Enter the codepoint in U+XXXX format (e.g. U+2764 for ❤), as a plain hex value (e.g. 2764), or as a decimal number (e.g. 10084). You can also paste the character directly into the search box and the unicode character lookup will identify it instantly.

For every character, the unicode character lookup shows: the U+ codepoint notation, decimal codepoint, hex value, HTML decimal entity (&#DECIMAL;), HTML hex entity (&#xHEX;), JavaScript/Java escape sequence (\uXXXX), and CSS escape sequence (\XXXX). All formats can be copied with one click.

Yes. All lookups run entirely in your browser using a local character database. Your search queries never leave your device. No data is sent to any server when you use our unicode character lookup online.

Our unicode character lookup covers the most commonly used blocks: Basic Latin, Latin-1 Supplement, Latin Extended-A, Greek and Coptic, Cyrillic, General Punctuation, Currency Symbols, Letterlike Symbols, Arrows, Mathematical Operators, Miscellaneous Symbols, Dingbats, Box Drawing, Emoticons, and Miscellaneous Symbols and Pictographs.

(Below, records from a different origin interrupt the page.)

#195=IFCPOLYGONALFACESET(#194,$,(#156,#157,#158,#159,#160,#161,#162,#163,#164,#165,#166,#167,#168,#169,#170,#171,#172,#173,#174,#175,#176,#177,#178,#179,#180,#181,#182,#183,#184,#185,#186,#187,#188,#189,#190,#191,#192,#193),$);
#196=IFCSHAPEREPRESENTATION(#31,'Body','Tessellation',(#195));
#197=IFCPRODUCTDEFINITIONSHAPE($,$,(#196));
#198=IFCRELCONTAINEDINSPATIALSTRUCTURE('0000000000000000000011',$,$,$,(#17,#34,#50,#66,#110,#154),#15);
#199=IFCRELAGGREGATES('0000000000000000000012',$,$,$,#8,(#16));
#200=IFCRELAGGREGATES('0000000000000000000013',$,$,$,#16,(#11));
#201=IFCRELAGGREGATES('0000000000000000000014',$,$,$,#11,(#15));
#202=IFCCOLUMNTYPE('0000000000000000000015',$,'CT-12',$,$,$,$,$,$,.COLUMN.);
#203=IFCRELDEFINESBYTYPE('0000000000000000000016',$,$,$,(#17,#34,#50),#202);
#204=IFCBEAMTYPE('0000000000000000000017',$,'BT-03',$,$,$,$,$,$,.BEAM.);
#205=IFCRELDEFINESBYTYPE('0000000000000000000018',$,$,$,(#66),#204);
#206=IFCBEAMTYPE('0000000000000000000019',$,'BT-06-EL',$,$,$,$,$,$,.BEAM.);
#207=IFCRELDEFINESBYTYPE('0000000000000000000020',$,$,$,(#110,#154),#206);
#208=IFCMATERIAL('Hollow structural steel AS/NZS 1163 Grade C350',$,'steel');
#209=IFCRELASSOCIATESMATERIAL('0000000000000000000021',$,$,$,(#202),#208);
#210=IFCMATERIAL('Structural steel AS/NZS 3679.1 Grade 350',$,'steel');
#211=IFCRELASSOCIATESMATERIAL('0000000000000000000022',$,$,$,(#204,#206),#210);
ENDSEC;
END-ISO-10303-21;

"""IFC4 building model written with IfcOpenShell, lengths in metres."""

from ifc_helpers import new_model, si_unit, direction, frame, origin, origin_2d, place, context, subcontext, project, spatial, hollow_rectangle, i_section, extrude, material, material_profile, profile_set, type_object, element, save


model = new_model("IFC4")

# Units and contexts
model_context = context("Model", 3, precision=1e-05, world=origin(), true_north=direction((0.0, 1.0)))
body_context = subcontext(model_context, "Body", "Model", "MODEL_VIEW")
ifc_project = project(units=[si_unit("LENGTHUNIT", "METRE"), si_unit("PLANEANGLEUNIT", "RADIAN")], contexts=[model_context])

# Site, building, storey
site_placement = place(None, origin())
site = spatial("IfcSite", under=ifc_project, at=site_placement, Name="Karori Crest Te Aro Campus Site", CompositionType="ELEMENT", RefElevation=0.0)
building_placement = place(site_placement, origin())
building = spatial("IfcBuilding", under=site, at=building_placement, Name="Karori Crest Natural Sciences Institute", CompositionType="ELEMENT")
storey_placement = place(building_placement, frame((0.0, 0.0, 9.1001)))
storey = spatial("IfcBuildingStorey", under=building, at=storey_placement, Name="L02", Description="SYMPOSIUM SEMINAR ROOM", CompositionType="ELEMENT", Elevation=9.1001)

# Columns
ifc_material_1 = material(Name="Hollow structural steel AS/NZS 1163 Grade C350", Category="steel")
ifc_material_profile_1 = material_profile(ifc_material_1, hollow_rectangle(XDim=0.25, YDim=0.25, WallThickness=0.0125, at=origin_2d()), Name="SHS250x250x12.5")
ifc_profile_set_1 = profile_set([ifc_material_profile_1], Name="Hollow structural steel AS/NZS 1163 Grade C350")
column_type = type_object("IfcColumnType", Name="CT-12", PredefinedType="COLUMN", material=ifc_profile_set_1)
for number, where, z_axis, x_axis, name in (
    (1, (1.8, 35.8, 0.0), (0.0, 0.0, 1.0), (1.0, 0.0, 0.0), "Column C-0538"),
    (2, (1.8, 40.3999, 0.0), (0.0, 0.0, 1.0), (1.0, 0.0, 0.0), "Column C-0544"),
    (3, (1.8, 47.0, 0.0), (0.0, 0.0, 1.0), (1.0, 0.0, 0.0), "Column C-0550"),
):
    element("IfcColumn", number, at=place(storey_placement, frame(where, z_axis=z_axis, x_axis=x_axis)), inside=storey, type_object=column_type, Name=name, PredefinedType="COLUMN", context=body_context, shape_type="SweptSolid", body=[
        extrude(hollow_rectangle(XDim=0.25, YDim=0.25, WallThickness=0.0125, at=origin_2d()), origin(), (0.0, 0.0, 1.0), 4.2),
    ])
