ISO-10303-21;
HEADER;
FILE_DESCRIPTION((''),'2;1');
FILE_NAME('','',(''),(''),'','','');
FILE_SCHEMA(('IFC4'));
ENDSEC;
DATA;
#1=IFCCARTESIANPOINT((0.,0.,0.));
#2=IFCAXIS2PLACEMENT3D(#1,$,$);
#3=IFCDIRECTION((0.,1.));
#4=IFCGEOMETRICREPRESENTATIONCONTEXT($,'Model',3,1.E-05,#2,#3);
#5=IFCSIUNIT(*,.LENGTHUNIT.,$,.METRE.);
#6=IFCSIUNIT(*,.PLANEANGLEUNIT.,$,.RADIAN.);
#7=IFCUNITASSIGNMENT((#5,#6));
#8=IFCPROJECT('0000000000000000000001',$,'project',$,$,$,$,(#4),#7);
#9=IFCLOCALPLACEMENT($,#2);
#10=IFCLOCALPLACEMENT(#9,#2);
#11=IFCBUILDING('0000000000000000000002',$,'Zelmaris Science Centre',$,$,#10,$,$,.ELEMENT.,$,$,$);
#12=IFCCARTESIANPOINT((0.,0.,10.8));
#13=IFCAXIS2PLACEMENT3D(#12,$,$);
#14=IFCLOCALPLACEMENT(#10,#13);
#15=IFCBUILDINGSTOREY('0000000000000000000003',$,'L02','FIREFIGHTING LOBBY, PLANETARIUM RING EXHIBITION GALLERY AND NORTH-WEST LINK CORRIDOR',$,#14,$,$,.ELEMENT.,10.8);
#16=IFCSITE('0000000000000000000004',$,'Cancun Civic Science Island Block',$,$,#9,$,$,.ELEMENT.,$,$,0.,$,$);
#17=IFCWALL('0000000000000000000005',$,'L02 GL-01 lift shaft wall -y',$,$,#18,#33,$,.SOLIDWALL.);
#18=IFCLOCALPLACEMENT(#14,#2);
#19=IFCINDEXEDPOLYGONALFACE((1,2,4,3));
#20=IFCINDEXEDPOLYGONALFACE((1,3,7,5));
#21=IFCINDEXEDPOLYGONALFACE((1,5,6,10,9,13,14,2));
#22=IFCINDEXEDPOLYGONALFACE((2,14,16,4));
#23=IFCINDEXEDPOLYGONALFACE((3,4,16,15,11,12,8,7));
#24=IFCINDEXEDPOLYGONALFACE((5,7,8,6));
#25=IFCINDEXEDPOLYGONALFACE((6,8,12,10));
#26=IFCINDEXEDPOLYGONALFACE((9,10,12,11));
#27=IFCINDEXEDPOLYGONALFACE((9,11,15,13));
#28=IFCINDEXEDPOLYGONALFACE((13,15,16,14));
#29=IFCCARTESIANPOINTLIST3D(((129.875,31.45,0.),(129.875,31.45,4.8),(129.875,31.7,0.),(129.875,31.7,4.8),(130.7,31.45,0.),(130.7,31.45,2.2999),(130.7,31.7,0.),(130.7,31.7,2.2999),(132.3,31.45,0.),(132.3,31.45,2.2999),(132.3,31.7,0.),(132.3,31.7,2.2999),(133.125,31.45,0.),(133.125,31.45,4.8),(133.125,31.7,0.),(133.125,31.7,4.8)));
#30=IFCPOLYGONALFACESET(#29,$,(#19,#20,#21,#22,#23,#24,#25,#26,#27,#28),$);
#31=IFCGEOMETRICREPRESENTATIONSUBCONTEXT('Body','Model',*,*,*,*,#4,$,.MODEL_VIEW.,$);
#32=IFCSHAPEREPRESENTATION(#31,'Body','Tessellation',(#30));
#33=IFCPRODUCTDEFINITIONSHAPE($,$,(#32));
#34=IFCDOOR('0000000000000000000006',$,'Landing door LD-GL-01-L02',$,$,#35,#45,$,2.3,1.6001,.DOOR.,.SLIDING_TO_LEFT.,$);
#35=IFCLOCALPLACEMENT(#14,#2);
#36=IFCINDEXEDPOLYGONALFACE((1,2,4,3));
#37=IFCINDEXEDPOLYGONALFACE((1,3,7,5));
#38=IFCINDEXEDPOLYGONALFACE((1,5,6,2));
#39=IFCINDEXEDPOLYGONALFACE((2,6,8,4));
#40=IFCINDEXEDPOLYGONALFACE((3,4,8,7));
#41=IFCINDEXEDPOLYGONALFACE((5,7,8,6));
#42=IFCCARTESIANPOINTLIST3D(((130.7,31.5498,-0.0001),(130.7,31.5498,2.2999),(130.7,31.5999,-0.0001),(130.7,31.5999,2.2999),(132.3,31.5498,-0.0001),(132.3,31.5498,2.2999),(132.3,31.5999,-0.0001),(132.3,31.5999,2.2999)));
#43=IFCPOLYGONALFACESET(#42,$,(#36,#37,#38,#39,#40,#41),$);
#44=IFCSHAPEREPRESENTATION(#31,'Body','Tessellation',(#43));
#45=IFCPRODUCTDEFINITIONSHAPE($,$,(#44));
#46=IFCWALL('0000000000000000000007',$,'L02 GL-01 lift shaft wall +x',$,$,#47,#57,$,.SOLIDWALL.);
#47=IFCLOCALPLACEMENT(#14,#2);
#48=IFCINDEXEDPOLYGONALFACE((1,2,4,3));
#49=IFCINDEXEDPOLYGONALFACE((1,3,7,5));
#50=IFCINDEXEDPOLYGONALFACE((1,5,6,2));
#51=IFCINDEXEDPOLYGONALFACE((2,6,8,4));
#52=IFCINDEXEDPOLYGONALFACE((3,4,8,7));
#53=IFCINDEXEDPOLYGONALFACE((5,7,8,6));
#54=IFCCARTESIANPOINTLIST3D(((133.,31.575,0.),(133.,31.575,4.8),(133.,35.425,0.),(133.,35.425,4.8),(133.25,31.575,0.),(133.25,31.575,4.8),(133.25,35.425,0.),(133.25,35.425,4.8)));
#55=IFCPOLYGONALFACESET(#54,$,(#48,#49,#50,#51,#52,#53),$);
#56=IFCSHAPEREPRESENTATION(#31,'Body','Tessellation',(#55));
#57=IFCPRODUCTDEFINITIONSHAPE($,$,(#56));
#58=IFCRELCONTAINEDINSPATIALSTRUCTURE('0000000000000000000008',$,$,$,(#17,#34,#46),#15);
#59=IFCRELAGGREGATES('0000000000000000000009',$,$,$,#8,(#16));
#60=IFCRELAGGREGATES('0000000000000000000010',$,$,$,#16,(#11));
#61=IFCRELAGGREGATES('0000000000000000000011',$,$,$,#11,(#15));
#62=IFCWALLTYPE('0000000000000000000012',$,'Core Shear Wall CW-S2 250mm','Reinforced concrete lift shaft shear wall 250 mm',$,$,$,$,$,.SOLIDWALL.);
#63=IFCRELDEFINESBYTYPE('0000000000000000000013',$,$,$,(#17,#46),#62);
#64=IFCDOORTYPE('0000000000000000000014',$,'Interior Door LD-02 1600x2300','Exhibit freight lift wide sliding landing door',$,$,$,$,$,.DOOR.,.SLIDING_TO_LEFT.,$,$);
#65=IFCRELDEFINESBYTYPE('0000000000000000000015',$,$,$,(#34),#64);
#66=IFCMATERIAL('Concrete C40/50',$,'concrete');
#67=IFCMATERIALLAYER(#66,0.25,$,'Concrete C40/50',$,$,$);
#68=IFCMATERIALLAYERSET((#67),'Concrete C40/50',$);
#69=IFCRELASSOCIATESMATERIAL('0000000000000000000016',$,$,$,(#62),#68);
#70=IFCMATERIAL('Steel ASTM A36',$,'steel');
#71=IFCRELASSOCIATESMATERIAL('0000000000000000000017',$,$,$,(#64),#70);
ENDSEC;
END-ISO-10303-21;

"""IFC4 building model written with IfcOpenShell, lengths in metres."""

from ifc_helpers import new_model, si_unit, direction, frame, frame_2d, origin, place, context, subcontext, project, spatial, rectangle, extrude, material, layer, layer_set, type_object, element, fill, save


model = new_model("IFC4")

# Units and contexts
model_context = context("Model", 3, precision=1e-05, world=origin(), true_north=direction((0.0, 1.0)))
body_context = subcontext(model_context, "Body", "Model", "MODEL_VIEW")
ifc_project = project(units=[si_unit("LENGTHUNIT", "METRE"), si_unit("PLANEANGLEUNIT", "RADIAN")], contexts=[model_context])

# Site, building, storey
site_placement = place(None, origin())
site = spatial("IfcSite", under=ifc_project, at=site_placement, Name="Cancun Civic Science Island Block", CompositionType="ELEMENT", RefElevation=0.0)
building_placement = place(site_placement, origin())
building = spatial("IfcBuilding", under=site, at=building_placement, Name="Zelmaris Science Centre", CompositionType="ELEMENT")
storey_placement = place(building_placement, frame((0.0, 0.0, 10.8)))
storey = spatial("IfcBuildingStorey", under=building, at=storey_placement, Name="L02", Description="FIREFIGHTING LOBBY, PLANETARIUM RING EXHIBITION GALLERY AND NORTH-WEST LINK CORRIDOR", CompositionType="ELEMENT", Elevation=10.8)

# Shared definitions
ifc_material_1 = material(Name="Concrete C40/50", Category="concrete")
ifc_layer = layer(ifc_material_1, 0.25, Name="Concrete C40/50")
ifc_layer_set = layer_set([ifc_layer], Name="Concrete C40/50")
wall_type = type_object("IfcWallType", Name="Core Shear Wall CW-S2 250mm", Description="Reinforced concrete lift shaft shear wall 250 mm", PredefinedType="SOLIDWALL", material=ifc_layer_set)

# Shared definitions
ifc_material_2 = material(Name="Steel ASTM A36", Category="steel")

# Wall, opening, door
wall_1_placement = place(storey_placement, frame((129.875, 31.575, 0.0), z_axis=(0.0, 0.0, 1.0), x_axis=(1.0, 0.0, 0.0)))
wall_1 = element("IfcWall", 1, at=wall_1_placement, inside=storey, type_object=wall_type, Name="L02 GL-01 lift shaft wall -y", PredefinedType="SOLIDWALL", context=body_context, shape_type="SweptSolid", body=[
    extrude(rectangle(XDim=3.25, YDim=0.25, at=frame_2d((1.625, 0.0))), origin(), (0.0, 0.0, 1.0), 4.8),
])
opening_1_placement = place(wall_1_placement, frame((0.825, 0.0, 0.0)))
opening_1 = element("IfcOpeningElement", 2, at=opening_1_placement, cuts=wall_1, PredefinedType="OPENING", context=body_context, shape_type="SweptSolid", body=[
    extrude(rectangle(XDim=1.6001, YDim=2.3, at=frame_2d((0.8, 1.1499))), frame((0.0, 0.135, 0.0), z_axis=(0.0, -1.0, 0.0), x_axis=(1.0, 0.0, 0.0)), (0.0, 0.0, 1.0), 0.27),
])
door_type_1 = type_object("IfcDoorType", Name="Interior Door LD-02 1600x2300", Description="Exhibit freight lift wide sliding landing door", OperationType="SLIDING_TO_LEFT", PredefinedType="DOOR", material=ifc_material_2)
door_1_placement = place(opening_1_placement, origin())
door_1 = element("IfcDoor", 3, at=door_1_placement, inside=storey, type_object=door_type_1, Name="Landing door LD-GL-01-L02", OperationType="SLIDING_TO_LEFT", OverallHeight=2.3, OverallWidth=1.6001, PredefinedType="DOOR", context=body_context, shape_type="SweptSolid", body=[
    extrude(rectangle(XDim=1.6001, YDim=2.3, at=frame_2d((0.8, 1.1499))), frame((0.0, 0.0249, 0.0), z_axis=(0.0, -1.0, 0.0), x_axis=(1.0, 0.0, 0.0)), (0.0, 0.0, 1.0), 0.05),
])
fill(opening_1, door_1)

# Wall
wall_2_placement = place(storey_placement, frame((133.125, 31.575, 0.0), z_axis=(0.0, 0.0, 1.0), x_axis=(0.0, 1.0, 0.0)))
element("IfcWall", 4, at=wall_2_placement, inside=storey, type_object=wall_type, Name="L02 GL-01 lift shaft wall +x", PredefinedType="SOLIDWALL", context=body_context, shape_type="SweptSolid", body=[
    extrude(rectangle(XDim=3.8501, YDim=0.25, at=frame_2d((1.925, 0.0))), origin(), (0.0, 0.0, 1.0), 4.8),
])

save(model, "model.ifc")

Every Unicode character has a general category that describes its type — for example, Lu (Uppercase Letter), Ll (Lowercase Letter), Nd (Decimal Number), Sm (Math Symbol), Sc (Currency Symbol), or So (Other Symbol). Use the Category filter in our unicode character lookup to browse characters by type.

Use the HTML entity format shown in the unicode character lookup detail panel. For example, ♥ or ♥ both render as ♥ in any browser. You can also paste the character directly into your HTML if your file is saved as UTF-8.

Use the CSS escape sequence shown in the unicode character lookup. For example, to use ♥ in a CSS content property, write: content: "\2665". The CSS escape format is a backslash followed by the hex codepoint without the U+ prefix.

Yes! Our unicode character lookup is 100% free with no signup, no account, and no usage limits. Look up as many characters as you need — completely free, forever.